This second choice is quite popular. It’s so popular, in fact, that even those of us who choose the former approach still can’t help but absorb some of the imaginative solutions concocted in order to deny the diversity of the canon.

James McGrath wrestled with this in a post yesterday titled “How Many Adam?” He was surprised to realize one of the things he’d absorbed about the creation story in Genesis 1 even though it’s not in the Bible.

Yesterday in a Facebook group I participate in, it was pointed out that, unless one has the Genesis 2 creation account in mind, when one reads Genesis 1, one will not necessarily get the impression that God, creating Adam (which means humankind) male and female, made only one of each.

I’d put that in stronger terms than “one will not necessarily get the impression.” The story in Genesis 1 speaks of “multitudes.” Two people does not a multitude make.

This is important. Genesis 1 is not about Adam and Eve. They are not characters in that story. I’m emphatic on this point because the text is emphatic on this point. Let me quote from a post from last October (“Things that are not in the Bible: ‘In the creation account, God creates Adam and Eve, the world and everything in it in six days“):

In the first story and the first chapter in Genesis, God creates “humankind” on the sixth day of creation. Humankind was created “male and female” and is spoken of as plural throughout this story, but the story never says that only two humans were created on the sixth day. (Two doesn’t seem like much of a multitude.)

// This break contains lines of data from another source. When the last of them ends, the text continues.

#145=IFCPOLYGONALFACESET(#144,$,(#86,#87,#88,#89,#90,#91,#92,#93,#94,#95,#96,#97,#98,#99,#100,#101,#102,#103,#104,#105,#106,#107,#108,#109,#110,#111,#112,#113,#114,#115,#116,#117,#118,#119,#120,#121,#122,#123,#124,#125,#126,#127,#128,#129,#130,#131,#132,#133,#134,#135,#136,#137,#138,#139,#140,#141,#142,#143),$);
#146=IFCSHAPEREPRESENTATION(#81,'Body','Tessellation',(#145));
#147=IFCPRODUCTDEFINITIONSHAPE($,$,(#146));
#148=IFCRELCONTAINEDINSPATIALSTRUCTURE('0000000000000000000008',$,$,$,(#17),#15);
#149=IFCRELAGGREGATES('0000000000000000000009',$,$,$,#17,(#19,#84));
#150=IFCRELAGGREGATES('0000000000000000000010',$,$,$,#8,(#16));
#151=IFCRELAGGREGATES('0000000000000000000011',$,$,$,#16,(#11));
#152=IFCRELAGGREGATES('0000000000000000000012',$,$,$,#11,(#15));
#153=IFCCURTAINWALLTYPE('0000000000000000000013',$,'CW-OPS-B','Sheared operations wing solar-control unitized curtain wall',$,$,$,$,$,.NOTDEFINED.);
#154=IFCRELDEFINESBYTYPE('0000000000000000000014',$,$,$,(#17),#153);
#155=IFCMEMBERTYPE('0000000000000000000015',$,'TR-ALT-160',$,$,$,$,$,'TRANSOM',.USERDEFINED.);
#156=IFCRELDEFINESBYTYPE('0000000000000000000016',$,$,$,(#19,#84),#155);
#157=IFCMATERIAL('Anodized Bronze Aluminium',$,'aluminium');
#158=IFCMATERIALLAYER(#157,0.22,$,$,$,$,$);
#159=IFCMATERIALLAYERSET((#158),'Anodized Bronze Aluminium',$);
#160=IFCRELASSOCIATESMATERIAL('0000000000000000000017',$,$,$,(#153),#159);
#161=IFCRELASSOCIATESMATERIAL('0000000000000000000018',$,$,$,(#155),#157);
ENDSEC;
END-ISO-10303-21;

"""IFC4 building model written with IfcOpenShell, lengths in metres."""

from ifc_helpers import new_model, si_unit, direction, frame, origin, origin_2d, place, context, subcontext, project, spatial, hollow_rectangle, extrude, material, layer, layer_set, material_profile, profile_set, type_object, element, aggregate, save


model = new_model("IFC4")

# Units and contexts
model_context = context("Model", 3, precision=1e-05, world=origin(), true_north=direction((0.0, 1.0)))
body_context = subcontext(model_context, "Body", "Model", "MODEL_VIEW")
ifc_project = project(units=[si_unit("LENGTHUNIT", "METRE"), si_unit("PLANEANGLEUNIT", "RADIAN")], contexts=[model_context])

That same word for humankind — adam — reappears in the second story that begins in the second chapter, but there it appears as a proper noun, as the name of an individual character, Adam. In our English translations of Genesis, that Hebrew word adam is always translated into English in the first story — “humankind,” or “mankind,” or “man” — because there it is plural and clearly not an individual’s name or a proper noun. In the second story, however, the word is presented differently. It is capitalized and left untranslated to indicate that here — unlike in the first story — it is being used as the name of a single individual.

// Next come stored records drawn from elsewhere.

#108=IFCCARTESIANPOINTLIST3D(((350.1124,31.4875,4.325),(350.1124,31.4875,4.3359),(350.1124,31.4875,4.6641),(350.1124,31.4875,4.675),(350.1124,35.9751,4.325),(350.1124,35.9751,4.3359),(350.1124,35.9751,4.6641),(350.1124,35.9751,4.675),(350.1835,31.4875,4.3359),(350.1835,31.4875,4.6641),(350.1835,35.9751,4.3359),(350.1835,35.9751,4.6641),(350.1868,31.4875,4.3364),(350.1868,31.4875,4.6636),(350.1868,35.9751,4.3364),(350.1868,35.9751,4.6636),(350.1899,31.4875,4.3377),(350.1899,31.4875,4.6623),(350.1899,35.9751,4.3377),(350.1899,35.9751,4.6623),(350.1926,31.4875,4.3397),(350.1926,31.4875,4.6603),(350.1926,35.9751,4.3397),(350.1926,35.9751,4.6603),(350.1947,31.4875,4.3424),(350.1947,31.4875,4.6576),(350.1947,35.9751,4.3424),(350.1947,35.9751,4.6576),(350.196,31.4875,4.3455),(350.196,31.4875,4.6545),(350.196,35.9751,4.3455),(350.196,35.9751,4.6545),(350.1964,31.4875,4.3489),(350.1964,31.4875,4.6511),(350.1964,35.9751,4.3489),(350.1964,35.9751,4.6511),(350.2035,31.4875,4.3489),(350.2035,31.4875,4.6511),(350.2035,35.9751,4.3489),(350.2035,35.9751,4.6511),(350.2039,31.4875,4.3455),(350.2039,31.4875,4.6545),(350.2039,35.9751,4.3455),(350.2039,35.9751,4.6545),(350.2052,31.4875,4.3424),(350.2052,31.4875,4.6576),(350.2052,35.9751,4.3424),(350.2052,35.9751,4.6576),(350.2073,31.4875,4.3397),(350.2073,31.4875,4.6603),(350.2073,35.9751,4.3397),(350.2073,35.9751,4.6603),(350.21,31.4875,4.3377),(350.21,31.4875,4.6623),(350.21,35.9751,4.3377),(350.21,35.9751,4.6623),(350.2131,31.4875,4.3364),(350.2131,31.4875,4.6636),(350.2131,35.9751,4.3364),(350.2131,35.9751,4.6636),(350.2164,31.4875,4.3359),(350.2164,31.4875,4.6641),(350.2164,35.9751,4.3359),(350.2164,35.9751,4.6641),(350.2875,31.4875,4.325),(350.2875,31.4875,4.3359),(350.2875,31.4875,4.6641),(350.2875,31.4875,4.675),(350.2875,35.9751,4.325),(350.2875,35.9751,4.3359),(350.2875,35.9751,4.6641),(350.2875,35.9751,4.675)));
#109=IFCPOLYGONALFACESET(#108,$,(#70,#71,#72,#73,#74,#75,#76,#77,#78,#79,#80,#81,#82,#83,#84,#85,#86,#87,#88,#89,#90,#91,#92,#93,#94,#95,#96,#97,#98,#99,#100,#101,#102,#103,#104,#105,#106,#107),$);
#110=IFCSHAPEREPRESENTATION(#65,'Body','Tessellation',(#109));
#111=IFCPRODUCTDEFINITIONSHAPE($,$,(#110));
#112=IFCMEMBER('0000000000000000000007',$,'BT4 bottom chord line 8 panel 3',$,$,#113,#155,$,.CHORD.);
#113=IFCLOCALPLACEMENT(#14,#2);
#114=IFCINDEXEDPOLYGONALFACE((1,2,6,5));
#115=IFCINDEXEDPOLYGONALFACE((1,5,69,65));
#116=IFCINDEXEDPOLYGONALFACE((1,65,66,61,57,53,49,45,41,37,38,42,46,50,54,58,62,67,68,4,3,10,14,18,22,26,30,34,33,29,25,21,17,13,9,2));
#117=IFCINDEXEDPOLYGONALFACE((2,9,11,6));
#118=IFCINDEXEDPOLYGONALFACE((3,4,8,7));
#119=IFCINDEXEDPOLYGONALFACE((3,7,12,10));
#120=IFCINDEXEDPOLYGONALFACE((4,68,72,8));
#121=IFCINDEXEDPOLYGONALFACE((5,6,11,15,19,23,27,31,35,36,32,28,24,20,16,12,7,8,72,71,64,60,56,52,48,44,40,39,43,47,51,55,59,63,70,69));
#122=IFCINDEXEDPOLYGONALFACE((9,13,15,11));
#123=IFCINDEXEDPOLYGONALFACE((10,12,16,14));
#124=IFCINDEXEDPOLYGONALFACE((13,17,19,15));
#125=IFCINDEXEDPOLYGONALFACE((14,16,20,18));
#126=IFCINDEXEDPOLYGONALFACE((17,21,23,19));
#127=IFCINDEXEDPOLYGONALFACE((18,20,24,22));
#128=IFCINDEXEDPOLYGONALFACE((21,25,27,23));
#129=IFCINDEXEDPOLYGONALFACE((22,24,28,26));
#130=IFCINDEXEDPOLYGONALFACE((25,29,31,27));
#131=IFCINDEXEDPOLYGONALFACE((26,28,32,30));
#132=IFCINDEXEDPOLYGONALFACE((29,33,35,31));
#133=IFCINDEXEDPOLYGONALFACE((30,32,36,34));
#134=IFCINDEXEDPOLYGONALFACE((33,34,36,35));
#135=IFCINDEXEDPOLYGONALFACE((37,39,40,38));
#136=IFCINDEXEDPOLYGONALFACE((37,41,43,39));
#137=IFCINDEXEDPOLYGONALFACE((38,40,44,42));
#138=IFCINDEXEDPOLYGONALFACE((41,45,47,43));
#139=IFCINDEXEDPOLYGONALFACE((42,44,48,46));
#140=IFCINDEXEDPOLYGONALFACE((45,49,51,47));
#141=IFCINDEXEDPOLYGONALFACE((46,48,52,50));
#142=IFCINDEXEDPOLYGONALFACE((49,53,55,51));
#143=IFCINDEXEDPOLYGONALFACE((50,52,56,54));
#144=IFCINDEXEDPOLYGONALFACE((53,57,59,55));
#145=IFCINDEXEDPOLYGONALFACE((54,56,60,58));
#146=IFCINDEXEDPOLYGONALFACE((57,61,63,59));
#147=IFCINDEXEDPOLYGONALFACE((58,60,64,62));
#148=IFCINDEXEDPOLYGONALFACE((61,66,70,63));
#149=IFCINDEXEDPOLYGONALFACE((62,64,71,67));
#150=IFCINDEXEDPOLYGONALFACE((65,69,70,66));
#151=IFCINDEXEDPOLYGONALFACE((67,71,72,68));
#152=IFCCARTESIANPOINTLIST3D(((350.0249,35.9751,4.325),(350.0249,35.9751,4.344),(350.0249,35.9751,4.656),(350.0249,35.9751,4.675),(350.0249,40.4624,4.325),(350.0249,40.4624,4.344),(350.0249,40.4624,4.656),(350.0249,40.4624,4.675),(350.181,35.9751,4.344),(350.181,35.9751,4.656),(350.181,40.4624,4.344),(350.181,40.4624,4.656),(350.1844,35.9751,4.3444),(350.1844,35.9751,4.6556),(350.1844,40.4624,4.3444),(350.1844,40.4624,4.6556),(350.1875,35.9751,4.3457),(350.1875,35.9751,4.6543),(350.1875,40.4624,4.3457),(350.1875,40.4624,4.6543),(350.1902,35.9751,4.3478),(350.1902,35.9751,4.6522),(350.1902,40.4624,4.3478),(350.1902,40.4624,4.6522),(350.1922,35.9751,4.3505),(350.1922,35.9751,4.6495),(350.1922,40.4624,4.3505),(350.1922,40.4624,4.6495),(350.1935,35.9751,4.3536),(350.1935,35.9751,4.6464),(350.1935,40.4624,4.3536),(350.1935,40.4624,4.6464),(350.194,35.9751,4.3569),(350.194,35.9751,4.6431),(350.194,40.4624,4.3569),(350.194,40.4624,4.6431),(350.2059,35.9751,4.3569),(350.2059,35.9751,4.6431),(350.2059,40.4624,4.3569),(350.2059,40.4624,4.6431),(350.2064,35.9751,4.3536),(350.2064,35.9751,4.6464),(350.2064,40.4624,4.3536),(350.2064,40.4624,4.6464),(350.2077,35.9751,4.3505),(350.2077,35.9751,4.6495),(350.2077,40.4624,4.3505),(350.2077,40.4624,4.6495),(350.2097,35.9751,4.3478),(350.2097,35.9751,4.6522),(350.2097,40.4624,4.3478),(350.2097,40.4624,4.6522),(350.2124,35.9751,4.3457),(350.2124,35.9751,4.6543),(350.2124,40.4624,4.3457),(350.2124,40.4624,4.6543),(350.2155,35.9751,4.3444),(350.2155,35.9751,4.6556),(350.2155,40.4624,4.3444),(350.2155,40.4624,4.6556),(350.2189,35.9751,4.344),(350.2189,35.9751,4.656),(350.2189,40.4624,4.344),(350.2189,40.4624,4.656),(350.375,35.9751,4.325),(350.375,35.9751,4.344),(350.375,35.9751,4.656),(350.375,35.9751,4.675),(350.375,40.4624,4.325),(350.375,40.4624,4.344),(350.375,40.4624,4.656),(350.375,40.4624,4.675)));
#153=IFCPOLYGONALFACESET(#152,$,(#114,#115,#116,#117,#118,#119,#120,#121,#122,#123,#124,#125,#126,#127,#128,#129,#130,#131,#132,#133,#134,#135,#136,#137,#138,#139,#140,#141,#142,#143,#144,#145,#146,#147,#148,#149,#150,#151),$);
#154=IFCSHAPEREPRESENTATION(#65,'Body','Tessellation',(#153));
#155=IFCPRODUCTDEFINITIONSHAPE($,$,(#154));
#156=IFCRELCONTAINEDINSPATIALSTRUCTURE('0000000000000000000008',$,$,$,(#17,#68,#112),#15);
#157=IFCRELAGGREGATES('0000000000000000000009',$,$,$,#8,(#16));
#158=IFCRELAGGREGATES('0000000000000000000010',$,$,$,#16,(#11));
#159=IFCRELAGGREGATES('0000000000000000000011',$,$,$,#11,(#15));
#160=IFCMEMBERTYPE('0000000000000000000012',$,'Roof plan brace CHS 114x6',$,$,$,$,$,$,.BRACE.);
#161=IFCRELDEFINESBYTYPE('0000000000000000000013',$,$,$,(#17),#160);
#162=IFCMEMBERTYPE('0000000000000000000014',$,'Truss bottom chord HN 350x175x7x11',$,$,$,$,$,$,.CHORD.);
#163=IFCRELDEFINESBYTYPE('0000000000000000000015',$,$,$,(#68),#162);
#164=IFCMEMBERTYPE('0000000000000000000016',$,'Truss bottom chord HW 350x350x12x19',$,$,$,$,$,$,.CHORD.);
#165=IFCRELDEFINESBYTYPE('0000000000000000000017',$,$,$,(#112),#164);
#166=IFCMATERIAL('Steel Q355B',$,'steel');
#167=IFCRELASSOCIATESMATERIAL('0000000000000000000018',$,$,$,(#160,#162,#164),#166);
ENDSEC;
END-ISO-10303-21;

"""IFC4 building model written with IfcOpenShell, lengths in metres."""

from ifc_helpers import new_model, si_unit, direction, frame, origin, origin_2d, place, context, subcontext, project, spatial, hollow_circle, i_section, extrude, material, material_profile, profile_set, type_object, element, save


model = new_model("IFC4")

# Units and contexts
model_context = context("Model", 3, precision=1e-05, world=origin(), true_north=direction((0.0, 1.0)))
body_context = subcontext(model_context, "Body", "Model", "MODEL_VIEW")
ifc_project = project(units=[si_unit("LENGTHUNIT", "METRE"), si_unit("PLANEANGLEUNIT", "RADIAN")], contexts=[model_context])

That post was in response to a CNN article garbling the difference between the different stories in Genesis 1 and Genesis 2. Maybe that’s to be expected from CNN, but earlier we discussed this same mistake when it was made by theologian and top-notch biblical scholar N.T. Wright. In discussing the notion of a historical Adam and Eve, Wright suggested the possibility of “God choosing Adam and Eve from others to be the ones with the image of God.”:

“God choosing Adam and Eve from others to be the ones with the image of God” is something that never happens in the Bible. That’s the opposite of what happens in the Bible. The first story says that all of humanity is made in the image of God, and we can apply that to the second story to infer that, because Adam and Eve are humans, that is also true of them. But these two stories cannot be made to say that Adam and Eve bear the image never attributed to them in their story while “others” do not bear the image attributed to them in theirs.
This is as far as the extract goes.